Rather than tags and neon scribbles, the Graffiti Bar has a more historic kind of wall decor, with frescoes inspired by those at Sigiriya. It’s intimate, candlelit and set beside a pond adorned with floating blue lotus flowers, so it’s also something of a romantic when it comes to spirit sipping, cocktails in coconuts and arak tastings. Abstainers can try the many high-end Sri Lankan teas on offer (the good stuff that usually gets exported), from cinnamon chai to butterfly pea to a natural tea-bag that looks a lot different from a Tetley. And, to keep nights flowing smoothly, the hotel has a stocked-to-the-rafters wine cellar decorated with repurposed antique railway sleepers, where special meals for two can be held on request.

Last orders

At Apsara, breakfast is from 6.30am to 10.30am, lunch from 12.30pm to 3pm and dine from 7.30pm to 10.30pm. Graffiti Bar stops pouring at 11pm.

Room service

Dine in your dwelling till midnight.

Location

Photos Jetwing Vil Uyana location
Address
Jetwing Vil Uyana
Rangirigama
Sigiriya
21120
Sri Lanka

Jetwing Vil Uyana sits in Sri Lanka’s radiantly green hinterland, surrounded by lakes and tropical lushness, just a 15-minute drive from Sigiriya’s towering Lion rock fortress.

Planes

International travellers will need to land at Colombo’s Bandaranaike International Airport, and then either book the four-hour transfer to the hotel (US$145 each way) or take a half-hour flight to Sigiriya Airport (a 10-minute drive away) with Cinnamon Air.

Trains

Habarana is the nearest station (a half-hour drive), which has connections to Colombo. Transfers can be arranged for US$30 one-way.

Automobiles

Driving in Sri Lanka is possible, but not hassle-free – you’ll need to verify your licence before arrival, stick to the left side of the road, avoid driving at night, and carry ID. It’s easier and not overly expensive to hire a local driver, so you can sit back and enjoy the scenery. But, if you bring hire wheels, there’s a secure carpark on-site. For pootling about the property there's a fleet of golf buggies you can call on when needed.

Other

Make an entrance and touch down on the hotel’s helipad.
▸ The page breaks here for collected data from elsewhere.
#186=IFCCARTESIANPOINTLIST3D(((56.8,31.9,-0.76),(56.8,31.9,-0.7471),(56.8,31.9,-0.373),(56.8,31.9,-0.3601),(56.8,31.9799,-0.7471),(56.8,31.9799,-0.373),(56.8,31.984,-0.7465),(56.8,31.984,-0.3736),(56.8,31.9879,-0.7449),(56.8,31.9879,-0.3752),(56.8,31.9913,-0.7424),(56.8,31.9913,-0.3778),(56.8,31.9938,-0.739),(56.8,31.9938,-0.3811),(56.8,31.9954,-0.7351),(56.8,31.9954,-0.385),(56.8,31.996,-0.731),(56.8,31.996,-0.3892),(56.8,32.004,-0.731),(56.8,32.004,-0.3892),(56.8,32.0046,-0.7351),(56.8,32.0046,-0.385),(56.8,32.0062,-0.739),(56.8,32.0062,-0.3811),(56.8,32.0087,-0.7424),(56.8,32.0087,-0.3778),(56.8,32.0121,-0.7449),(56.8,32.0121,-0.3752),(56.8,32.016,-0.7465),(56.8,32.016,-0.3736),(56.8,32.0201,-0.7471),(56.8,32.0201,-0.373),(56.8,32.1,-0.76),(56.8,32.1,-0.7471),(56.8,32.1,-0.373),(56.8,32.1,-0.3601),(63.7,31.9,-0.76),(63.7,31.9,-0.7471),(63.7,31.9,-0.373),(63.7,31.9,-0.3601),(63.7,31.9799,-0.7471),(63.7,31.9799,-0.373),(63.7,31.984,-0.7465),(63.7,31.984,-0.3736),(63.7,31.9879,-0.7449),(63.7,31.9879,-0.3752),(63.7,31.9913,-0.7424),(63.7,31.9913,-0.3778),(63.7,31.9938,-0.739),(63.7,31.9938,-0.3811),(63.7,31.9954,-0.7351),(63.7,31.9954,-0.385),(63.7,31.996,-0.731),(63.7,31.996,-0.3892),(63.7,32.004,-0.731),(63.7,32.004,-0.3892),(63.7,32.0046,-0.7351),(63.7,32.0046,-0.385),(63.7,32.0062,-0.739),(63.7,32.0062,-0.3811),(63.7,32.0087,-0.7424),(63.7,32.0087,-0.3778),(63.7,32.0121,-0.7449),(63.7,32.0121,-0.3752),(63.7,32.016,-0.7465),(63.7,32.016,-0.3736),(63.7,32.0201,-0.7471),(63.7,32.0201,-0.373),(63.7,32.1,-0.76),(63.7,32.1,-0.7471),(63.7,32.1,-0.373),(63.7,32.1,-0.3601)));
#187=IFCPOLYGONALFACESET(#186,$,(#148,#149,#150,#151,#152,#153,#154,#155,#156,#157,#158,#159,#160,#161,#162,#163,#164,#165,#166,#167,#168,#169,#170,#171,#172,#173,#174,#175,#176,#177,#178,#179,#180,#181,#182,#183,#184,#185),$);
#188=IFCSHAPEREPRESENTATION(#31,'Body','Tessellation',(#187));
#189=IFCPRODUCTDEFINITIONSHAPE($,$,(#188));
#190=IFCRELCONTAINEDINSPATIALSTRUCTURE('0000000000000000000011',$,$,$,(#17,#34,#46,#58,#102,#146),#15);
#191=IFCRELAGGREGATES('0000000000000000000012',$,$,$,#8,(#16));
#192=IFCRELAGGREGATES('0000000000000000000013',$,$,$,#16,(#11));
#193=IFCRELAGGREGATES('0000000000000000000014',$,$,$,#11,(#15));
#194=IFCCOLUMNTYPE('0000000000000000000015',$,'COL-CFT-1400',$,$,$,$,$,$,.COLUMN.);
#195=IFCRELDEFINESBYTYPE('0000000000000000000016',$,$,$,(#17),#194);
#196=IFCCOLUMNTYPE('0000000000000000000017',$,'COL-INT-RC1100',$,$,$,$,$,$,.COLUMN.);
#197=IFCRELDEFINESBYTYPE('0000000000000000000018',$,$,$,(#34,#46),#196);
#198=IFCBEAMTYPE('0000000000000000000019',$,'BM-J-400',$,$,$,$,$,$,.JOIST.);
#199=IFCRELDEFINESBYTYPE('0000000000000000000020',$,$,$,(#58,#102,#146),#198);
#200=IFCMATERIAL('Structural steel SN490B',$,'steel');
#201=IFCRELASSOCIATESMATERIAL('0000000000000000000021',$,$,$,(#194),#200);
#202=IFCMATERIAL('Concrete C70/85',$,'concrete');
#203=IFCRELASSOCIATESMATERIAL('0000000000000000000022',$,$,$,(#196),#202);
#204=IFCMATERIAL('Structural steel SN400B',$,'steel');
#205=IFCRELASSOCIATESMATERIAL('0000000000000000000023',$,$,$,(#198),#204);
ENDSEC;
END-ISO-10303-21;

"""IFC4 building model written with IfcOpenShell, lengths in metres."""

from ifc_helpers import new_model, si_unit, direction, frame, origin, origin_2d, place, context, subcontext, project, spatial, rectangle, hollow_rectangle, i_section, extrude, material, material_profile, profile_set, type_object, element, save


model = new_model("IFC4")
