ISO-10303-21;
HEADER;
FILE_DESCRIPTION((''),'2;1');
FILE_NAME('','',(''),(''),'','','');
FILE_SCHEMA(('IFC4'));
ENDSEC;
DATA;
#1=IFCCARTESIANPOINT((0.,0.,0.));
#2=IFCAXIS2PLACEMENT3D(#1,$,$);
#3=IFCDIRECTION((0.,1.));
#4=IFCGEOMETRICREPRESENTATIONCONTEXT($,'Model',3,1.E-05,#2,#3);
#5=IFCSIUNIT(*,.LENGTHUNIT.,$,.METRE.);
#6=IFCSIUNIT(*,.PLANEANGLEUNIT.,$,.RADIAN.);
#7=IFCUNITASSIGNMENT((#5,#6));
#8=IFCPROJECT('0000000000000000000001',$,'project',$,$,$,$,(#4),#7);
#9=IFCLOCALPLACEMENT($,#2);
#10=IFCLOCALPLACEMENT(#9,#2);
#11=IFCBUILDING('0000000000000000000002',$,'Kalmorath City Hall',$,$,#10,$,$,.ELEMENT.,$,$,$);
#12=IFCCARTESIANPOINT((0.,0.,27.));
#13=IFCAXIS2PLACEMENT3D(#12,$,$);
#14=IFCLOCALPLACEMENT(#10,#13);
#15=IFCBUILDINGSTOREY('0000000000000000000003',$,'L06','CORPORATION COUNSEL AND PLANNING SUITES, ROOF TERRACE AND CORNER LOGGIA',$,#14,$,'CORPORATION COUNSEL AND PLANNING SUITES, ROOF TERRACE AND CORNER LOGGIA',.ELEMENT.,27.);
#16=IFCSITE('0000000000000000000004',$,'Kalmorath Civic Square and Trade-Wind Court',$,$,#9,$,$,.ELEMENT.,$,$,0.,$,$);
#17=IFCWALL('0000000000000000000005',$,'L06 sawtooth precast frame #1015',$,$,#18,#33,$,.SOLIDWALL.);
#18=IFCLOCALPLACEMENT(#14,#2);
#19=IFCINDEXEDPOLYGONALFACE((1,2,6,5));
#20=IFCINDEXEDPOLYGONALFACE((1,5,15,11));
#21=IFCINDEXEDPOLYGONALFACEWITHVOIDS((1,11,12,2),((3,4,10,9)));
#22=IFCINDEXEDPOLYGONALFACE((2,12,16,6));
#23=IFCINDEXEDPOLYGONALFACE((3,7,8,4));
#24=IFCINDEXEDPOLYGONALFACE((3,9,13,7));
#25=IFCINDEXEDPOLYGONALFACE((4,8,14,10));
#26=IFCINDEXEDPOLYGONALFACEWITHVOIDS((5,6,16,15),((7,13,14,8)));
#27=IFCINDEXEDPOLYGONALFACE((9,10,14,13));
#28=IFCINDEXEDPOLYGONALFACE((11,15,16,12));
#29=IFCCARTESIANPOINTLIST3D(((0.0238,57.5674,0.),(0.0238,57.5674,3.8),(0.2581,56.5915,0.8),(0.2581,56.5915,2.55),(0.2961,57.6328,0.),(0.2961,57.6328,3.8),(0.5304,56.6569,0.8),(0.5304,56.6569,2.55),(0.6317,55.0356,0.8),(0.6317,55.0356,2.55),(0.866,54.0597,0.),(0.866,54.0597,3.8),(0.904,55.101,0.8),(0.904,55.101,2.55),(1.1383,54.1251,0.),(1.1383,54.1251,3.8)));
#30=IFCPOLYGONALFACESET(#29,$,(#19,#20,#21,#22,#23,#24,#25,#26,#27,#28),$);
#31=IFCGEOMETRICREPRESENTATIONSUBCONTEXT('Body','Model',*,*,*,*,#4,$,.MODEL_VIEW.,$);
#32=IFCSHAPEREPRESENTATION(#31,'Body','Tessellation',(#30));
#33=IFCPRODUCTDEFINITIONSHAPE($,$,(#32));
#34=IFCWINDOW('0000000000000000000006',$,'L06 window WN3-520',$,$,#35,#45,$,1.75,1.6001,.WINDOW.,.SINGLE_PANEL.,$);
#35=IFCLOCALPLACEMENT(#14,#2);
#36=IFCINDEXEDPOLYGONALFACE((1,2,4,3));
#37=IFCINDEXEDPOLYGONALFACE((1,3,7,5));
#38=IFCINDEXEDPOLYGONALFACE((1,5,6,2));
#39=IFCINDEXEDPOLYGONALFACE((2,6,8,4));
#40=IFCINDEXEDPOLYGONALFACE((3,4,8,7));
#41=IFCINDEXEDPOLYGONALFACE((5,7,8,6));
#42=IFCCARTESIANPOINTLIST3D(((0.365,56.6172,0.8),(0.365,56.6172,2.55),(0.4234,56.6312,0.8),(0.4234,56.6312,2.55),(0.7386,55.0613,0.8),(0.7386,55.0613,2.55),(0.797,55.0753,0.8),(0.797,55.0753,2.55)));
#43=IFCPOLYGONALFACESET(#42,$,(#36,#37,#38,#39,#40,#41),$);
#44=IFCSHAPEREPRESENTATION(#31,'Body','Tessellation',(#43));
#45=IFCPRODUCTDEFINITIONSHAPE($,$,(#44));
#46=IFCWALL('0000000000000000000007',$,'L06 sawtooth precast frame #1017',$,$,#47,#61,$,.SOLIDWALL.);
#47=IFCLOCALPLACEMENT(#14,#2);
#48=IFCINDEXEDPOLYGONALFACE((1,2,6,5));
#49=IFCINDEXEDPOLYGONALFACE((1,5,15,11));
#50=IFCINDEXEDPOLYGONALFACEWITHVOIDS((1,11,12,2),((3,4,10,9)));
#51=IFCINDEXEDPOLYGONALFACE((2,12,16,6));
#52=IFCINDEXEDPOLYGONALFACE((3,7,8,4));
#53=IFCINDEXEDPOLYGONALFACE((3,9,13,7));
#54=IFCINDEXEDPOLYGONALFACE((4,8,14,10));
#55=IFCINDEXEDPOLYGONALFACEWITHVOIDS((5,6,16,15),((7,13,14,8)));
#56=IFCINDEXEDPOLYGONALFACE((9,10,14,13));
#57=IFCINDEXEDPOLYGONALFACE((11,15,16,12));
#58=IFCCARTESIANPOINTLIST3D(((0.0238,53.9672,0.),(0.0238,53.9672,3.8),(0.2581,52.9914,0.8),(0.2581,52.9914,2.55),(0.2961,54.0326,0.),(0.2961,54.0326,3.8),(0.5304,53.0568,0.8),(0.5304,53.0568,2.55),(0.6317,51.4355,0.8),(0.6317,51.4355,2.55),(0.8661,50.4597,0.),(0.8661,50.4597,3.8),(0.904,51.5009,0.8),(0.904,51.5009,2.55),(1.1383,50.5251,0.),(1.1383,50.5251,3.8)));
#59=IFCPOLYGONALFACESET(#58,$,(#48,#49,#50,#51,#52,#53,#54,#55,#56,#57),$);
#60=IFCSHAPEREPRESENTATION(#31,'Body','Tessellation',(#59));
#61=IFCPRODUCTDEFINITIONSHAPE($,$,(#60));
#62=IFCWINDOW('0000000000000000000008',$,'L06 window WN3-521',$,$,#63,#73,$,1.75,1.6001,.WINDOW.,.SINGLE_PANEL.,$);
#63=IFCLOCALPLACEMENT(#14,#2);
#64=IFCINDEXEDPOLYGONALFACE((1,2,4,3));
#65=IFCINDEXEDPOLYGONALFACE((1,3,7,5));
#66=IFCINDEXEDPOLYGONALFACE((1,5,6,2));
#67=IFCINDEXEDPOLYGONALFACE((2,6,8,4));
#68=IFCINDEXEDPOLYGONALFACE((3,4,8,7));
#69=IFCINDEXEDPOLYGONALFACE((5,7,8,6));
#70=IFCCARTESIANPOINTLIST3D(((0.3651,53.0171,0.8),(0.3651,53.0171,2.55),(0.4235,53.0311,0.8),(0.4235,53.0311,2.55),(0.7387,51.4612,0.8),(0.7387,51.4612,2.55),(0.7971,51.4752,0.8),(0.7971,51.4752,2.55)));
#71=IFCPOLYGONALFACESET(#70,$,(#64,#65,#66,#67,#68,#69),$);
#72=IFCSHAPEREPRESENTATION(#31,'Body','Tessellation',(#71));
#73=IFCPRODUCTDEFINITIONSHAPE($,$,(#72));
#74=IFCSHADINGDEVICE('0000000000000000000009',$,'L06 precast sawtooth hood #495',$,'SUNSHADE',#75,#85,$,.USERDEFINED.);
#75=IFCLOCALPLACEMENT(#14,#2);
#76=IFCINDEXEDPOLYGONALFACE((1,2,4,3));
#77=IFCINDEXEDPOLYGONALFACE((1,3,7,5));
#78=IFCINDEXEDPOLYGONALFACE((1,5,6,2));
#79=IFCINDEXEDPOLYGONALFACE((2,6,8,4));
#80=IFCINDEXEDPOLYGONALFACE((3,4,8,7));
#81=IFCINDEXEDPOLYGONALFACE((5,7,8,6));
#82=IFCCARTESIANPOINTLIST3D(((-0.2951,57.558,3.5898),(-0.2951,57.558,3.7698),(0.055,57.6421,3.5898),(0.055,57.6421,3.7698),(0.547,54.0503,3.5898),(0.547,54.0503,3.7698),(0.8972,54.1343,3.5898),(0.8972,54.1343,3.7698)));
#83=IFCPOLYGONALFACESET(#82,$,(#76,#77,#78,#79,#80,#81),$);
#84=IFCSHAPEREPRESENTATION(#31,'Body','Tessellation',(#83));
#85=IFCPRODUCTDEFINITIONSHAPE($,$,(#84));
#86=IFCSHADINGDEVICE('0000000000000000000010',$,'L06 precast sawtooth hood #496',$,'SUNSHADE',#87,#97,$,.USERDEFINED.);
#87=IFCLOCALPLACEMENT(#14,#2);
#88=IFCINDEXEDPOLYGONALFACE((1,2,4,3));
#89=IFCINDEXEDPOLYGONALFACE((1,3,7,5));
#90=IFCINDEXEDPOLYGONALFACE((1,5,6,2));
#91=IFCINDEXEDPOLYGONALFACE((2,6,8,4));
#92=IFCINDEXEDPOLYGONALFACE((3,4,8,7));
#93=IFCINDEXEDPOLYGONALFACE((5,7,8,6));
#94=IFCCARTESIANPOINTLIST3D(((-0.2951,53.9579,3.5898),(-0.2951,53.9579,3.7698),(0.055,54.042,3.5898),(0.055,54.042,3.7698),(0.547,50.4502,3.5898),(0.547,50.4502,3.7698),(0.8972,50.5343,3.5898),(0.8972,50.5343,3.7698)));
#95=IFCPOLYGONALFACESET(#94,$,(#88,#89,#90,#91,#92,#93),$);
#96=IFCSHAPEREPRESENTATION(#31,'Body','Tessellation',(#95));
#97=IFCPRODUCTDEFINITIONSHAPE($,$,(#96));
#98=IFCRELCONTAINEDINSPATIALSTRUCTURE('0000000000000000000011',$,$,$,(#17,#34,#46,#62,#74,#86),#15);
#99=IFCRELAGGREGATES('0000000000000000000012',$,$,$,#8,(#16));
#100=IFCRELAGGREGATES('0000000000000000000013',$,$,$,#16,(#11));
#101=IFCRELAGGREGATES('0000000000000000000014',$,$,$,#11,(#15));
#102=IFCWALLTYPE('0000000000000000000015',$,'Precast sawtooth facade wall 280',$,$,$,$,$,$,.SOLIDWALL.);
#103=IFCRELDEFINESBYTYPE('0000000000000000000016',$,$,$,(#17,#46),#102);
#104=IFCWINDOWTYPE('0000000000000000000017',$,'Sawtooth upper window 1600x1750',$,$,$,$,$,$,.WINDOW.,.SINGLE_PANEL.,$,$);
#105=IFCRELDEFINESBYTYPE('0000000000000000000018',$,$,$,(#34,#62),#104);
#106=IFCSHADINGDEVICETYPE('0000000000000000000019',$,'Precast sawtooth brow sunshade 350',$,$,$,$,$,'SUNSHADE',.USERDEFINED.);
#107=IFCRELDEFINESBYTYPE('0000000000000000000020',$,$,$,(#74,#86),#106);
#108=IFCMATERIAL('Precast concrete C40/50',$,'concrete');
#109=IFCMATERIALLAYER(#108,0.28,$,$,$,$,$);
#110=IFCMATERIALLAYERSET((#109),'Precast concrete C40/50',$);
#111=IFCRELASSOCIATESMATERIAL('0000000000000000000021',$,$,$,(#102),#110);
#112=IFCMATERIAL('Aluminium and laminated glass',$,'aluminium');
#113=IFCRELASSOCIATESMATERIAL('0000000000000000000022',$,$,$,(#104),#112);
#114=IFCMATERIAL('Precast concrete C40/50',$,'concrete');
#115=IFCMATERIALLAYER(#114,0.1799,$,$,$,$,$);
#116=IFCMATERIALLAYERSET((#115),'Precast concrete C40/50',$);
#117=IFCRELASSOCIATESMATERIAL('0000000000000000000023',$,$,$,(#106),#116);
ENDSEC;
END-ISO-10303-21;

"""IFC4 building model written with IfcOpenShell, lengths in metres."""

from ifc_helpers import new_model, si_unit, direction, frame, frame_2d, origin, origin_2d, place, context, subcontext, project, spatial, rectangle, extrude, material, layer, layer_set, type_object, element, fill, save


model = new_model("IFC4")

# Units and contexts
model_context = context("Model", 3, precision=1e-05, world=origin(), true_north=direction((0.0, 1.0)))
body_context = subcontext(model_context, "Body", "Model", "MODEL_VIEW")
ifc_project = project(units=[si_unit("LENGTHUNIT", "METRE"), si_unit("PLANEANGLEUNIT", "RADIAN")], contexts=[model_context])

# Site, building, storey
site_placement = place(None, origin())
site = spatial("IfcSite", under=ifc_project, at=site_placement, Name="Kalmorath Civic Square and Trade-Wind Court", CompositionType="ELEMENT", RefElevation=0.0)
building_placement = place(site_placement, origin())
building = spatial("IfcBuilding", under=site, at=building_placement, Name="Kalmorath City Hall", CompositionType="ELEMENT")
storey_placement = place(building_placement, frame((0.0, 0.0, 27.0)))
storey = spatial("IfcBuildingStorey", under=building, at=storey_placement, Name="L06", Description="CORPORATION COUNSEL AND PLANNING SUITES, ROOF TERRACE AND CORNER LOGGIA", LongName="CORPORATION COUNSEL AND PLANNING SUITES, ROOF TERRACE AND CORNER LOGGIA", CompositionType="ELEMENT", Elevation=27.0)

# Walls, openings, windows
ifc_material_1 = material(Name="Precast concrete C40/50", Category="concrete")
ifc_layer_1 = layer(ifc_material_1, 0.28)
ifc_layer_set_1 = layer_set([ifc_layer_1], Name="Precast concrete C40/50")
wall_type_1 = type_object("IfcWallType", Name="Precast sawtooth facade wall 280", PredefinedType="SOLIDWALL", material=ifc_layer_set_1)
wall_1_placement = place(storey_placement, frame((0.1599, 57.6001, 0.0), z_axis=(0.0, 0.0, 1.0), x_axis=(0.23348, -0.972361, 0.0)))
wall_1 = element("IfcWall", 1, at=wall_1_placement, inside=storey, type_object=wall_type_1, Name="L06 sawtooth precast frame #1015", PredefinedType="SOLIDWALL", context=body_context, shape_type="SweptSolid", body=[
    extrude(rectangle(XDim=3.6074, YDim=0.28, at=frame_2d((1.8037, 0.0))), origin(), (0.0, 0.0, 1.0), 3.8),
])
opening_1_placement = place(wall_1_placement, frame((1.0037, 0.0, 0.8)))
opening_1 = element("IfcOpeningElement", 2, at=opening_1_placement, cuts=wall_1, PredefinedType="OPENING", context=body_context, shape_type="SweptSolid", body=[
    extrude(rectangle(XDim=1.6001, YDim=1.75, at=frame_2d((0.8, 0.875))), frame((0.0, 0.1499, 0.0), z_axis=(0.0, -1.0, 0.0), x_axis=(1.0, 0.0, 0.0)), (0.0, 0.0, 1.0), 0.3),
])
ifc_material_2 = material(Name="Aluminium and laminated glass", Category="aluminium")
window_type = type_object("IfcWindowType", Name="Sawtooth upper window 1600x1750", PartitioningType="SINGLE_PANEL", PredefinedType="WINDOW", material=ifc_material_2)
window_1_placement = place(opening_1_placement, origin())
window_1 = element("IfcWindow", 3, at=window_1_placement, inside=storey, type_object=window_type, Name="L06 window WN3-520", OverallHeight=1.75, OverallWidth=1.6001, PartitioningType="SINGLE_PANEL", PredefinedType="WINDOW", context=body_context, shape_type="SweptSolid", body=[
    extrude(rectangle(XDim=1.6001, YDim=1.75, at=frame_2d((0.8, 0.875))), frame((0.0, 0.03, 0.0), z_axis=(0.0, -1.0, 0.0), x_axis=(1.0, 0.0, 0.0)), (0.0, 0.0, 1.0), 0.0601),
])
fill(opening_1, window_1)
wall_2_placement = place(storey_placement, frame((0.1599, 54.0, 0.0), z_axis=(0.0, 0.0, 1.0), x_axis=(0.233496, -0.972358, 0.0)))
wall_2 = element("IfcWall", 4, at=wall_2_placement, inside=storey, type_object=wall_type_1, Name="L06 sawtooth precast frame #1017", PredefinedType="SOLIDWALL", context=body_context, shape_type="SweptSolid", body=[
    extrude(rectangle(XDim=3.6072, YDim=0.28, at=frame_2d((1.8037, 0.0))), origin(), (0.0, 0.0, 1.0), 3.8),
])
opening_2_placement = place(wall_2_placement, frame((1.0037, 0.0, 0.8)))
opening_2 = element("IfcOpeningElement", 5, at=opening_2_placement, cuts=wall_2, PredefinedType="OPENING", context=body_context, shape_type="SweptSolid", body=[
    extrude(rectangle(XDim=1.6001, YDim=1.75, at=frame_2d((0.8, 0.875))), frame((0.0, 0.1499, 0.0), z_axis=(0.0, -1.0, 0.0), x_axis=(1.0, 0.0, 0.0)), (0.0, 0.0, 1.0), 0.3),
])
window_2_placement = place(opening_2_placement, origin())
Worth getting out of bed for

Set inland, at the heart of Sri Lanka’s cultural triangle, Jetwing Vil Uyana has five distinct habitats to explore, each alive with tropical flora and fauna: emerald gardens, marshland, paddies, lakes and bamboo forest. Borrow one of the hotel’s bikes for a whip round, or wander the more leisurely 1.5-kilometre nature trail to spy crimson rose butterflies, soporific fishing cats, brahminy kites, langur monkeys, and maybe even the odd crocodile or elephant. Perhaps even wilder is the soaring ‘Lion Rock Fortress’ of Sigiriya, a Unesco-protected site from the fifth century, set atop a nearly 200-metre granite pillar; to get a better view climb up neighbouring rock and former monks’ residence Pidurangala, which also has Sri Lanka’s oldest brick Buddha statue tucked into it. They’re not the only high art around here, with Dambulla Rock Temple close by; this sanctuary has been built into an outcrop 160 metres up, and is littered with historic Buddha statues and lined with around 1,500 murals. And, more ancient wonders lie further afield, with dagaba shrines and one of the world’s longest surviving trees at Anuradhapura, and the ruins of an 11th-century Kandyan kingdom at Polonnaruwa. Kandy, a city settled in the 4th century, has a temple dedicated to the Buddha’s tooth alongside floating sacred sites and lush botanical gardens. These ancestral feats of architecture and engineering are matched in spectacle by the wildlife; at Minneriya National Park, ‘the gathering’ sees hundreds of elephants congregate between June and September; dolphins and whales frolic off the eastern coast between March and September; and leopards thrive at Wilpattu National Park to the northwest. On property, Rangirigama Lake is home to around 120 bird species, making the skies a natural theatre, with the resident naturalist as your narrator; and on the loris night trail, you’ll gently trek into the forest to seek out the shy wide-eyed creatures, rarely found elsewhere on the island.

Local restaurants

There are few other eateries in the near vicinity, but you could try the Viewing Gallery (named for its leafy scenery) or Chinese restaurant Lu Lin at sister stay Jetwing Lake (a 30-minute drive away), with its temptingly steamy dumpling baskets and elevated far-Eastern fare.

Reviews

Photos Jetwing Vil Uyana reviews
Ben Lippett

Anonymous review

By Ben Lippett, Tip-sharing top chef

It’s hard to tear your eyes away from the myriad worlds you pass through on the drive from Colombo to Jetwing Vil Uyana. So much of travelling in Sri Lanka is defined by time spent in the car. It’s never boring, with the longest drives averaging three to four precious hours, every minute spent watching the landscape change as you drift out of the hazy smog of Colombo and towards the tropical mist of the Hill Country. The city is electric, it’s full of colour and life, but after a few days we’ve had our fill and it’s time to head to calmer pastures. 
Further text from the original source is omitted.